# Mites or Baby Iso's?



## ckays (Jul 26, 2011)

OK so i picked up some cultures of springs and dwaf iso's about 2 months ago now. 

Using Doug's ABG/Leaf litter mix for the iso's and straight charcoal for the springs. (Great thread!)

Have seen very little action in either culture until recently, my iso culture is starting to boom with very small, relatively quick moving critters. I believe them to be young iso's, but have some concern about mites. 

From all the pics and searching I have done on here, mites tend to be slow and very white. These are neither. Could someone confirm my theory? 

On a side note there is very little action in the spring culture, i fear that I did not get them moved into their charcoal home soon enough after they arrived, but time will tell. 

Thanks All.


----------



## hypostatic (Apr 25, 2011)

What kind of springtails did you get?
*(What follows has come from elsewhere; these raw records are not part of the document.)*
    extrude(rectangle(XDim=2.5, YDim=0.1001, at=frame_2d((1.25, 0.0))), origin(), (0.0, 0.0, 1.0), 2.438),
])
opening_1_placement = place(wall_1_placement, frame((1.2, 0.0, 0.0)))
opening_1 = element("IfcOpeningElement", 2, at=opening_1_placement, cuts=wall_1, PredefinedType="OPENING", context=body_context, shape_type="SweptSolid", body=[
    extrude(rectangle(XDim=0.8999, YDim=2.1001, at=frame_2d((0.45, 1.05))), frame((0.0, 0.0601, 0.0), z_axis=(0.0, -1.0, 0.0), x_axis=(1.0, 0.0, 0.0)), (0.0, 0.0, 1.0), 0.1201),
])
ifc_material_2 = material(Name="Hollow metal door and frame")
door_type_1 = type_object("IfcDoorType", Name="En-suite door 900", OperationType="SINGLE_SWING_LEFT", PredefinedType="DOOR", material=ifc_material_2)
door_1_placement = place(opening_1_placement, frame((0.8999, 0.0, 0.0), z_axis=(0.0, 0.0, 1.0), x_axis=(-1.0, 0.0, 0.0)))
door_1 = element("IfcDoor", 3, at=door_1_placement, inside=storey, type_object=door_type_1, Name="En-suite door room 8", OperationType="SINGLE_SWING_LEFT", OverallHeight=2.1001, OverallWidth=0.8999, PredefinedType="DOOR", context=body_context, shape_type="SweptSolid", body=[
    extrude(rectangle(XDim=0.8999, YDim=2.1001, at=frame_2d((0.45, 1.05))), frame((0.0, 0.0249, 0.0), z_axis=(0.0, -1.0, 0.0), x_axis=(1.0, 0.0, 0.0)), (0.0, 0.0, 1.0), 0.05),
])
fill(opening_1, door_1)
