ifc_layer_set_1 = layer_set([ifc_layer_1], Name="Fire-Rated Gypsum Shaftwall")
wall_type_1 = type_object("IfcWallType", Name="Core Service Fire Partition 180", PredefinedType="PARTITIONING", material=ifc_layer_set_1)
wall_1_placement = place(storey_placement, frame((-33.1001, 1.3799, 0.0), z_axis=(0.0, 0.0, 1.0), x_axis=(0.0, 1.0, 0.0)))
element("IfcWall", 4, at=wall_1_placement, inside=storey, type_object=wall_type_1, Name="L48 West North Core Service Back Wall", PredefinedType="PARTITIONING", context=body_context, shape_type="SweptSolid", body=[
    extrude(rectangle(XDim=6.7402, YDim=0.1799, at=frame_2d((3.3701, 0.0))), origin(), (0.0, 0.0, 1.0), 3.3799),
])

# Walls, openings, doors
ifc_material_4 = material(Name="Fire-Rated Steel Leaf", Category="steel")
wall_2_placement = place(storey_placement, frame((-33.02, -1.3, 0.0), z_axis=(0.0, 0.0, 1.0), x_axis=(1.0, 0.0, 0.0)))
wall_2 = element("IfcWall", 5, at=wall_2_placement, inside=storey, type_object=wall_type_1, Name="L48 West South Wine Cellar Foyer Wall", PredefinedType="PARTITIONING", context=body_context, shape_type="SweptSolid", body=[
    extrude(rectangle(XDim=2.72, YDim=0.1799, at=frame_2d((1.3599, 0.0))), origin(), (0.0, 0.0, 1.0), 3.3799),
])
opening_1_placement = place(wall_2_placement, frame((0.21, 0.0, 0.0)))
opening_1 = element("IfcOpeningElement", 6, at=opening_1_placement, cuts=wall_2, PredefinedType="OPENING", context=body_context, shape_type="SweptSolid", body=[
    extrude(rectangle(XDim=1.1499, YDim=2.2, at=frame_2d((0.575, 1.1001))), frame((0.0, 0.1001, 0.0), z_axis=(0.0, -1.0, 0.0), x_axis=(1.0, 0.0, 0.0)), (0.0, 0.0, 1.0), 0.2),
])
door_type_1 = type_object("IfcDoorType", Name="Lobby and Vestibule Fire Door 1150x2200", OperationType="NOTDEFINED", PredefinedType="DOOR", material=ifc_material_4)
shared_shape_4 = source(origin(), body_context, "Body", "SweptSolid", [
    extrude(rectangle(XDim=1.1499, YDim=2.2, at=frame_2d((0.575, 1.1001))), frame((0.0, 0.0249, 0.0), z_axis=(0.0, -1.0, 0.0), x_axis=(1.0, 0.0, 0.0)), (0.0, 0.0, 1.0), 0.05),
Can you post a picture?


----------



## Pumilo (Sep 4, 2010)

If your eyes are any good at all, you can see this with the naked eye. If not, find a magnifying glass or take a digital picture and blow it up on your computer screen.
Some bugs go through stages (larval, instars, whatever--I'm not an entomologist, I just like my bugs!), in which they may look like different bugs. Isopods and springtails do not. A baby isopod looks exactly like a small adult (although the color may be lighter) and a baby springtail looks exactly like a small adult springtail (although the pinks will appear lighter in color). 
At least from the time you can see them with the naked eye, young mites also look exactly like adult mites.
Hope that helps.


----------



## dartsami (Oct 30, 2006)

, my iso culture is starting to boom with very small, relatively quick moving critters. I believe them to be young iso's, but have some concern about mites. 



Sounds like if they are quick they are springtails in your isopod culture. Try blowing into the culture and see if they jump around. If they dont jump they could be baby isopods.


----------



## ckays (Jul 26, 2011)

hypostatic said:


> What kind of springtails did you get? Can you post a picture?


I have Temperate Springtails and Striped Isopods. 

I'll try to post a picture shortly. Which might answer my question since i can blow it up (Thanks Pumilo). I have not seen a single moving creature in the springtail culture, but the small amount of yeast i add every now and then is disappearing so I'm hoping that culture is coming along...


----------



## ckays (Jul 26, 2011)

OK Pictures were an epic fail. iPhone photography just won't cut it. 

No surprise there.

However, a quick search through my son's room led to a decent ant fryer that revealed munchkin isopods!! 

First successful culture. (FF's don't count) Now i just need to get these springtails going. 

Thanks for the input and good ideas all.


----------



## Pumilo (Sep 4, 2010)

Good deal. How old is your springtail culture? There is a lot of motion in my springtail cultures every time I pull the lid off.


----------



## ckays (Jul 26, 2011)

Two months. I am fairly certain that it has crashed and/or never got stated at this point. 

The springs spent a couple days in their shipping container until i got the charcoal to get them set up. I believe this may have something to do with it. That or i have too much water in the culture, but from what i have read, that is not likely. 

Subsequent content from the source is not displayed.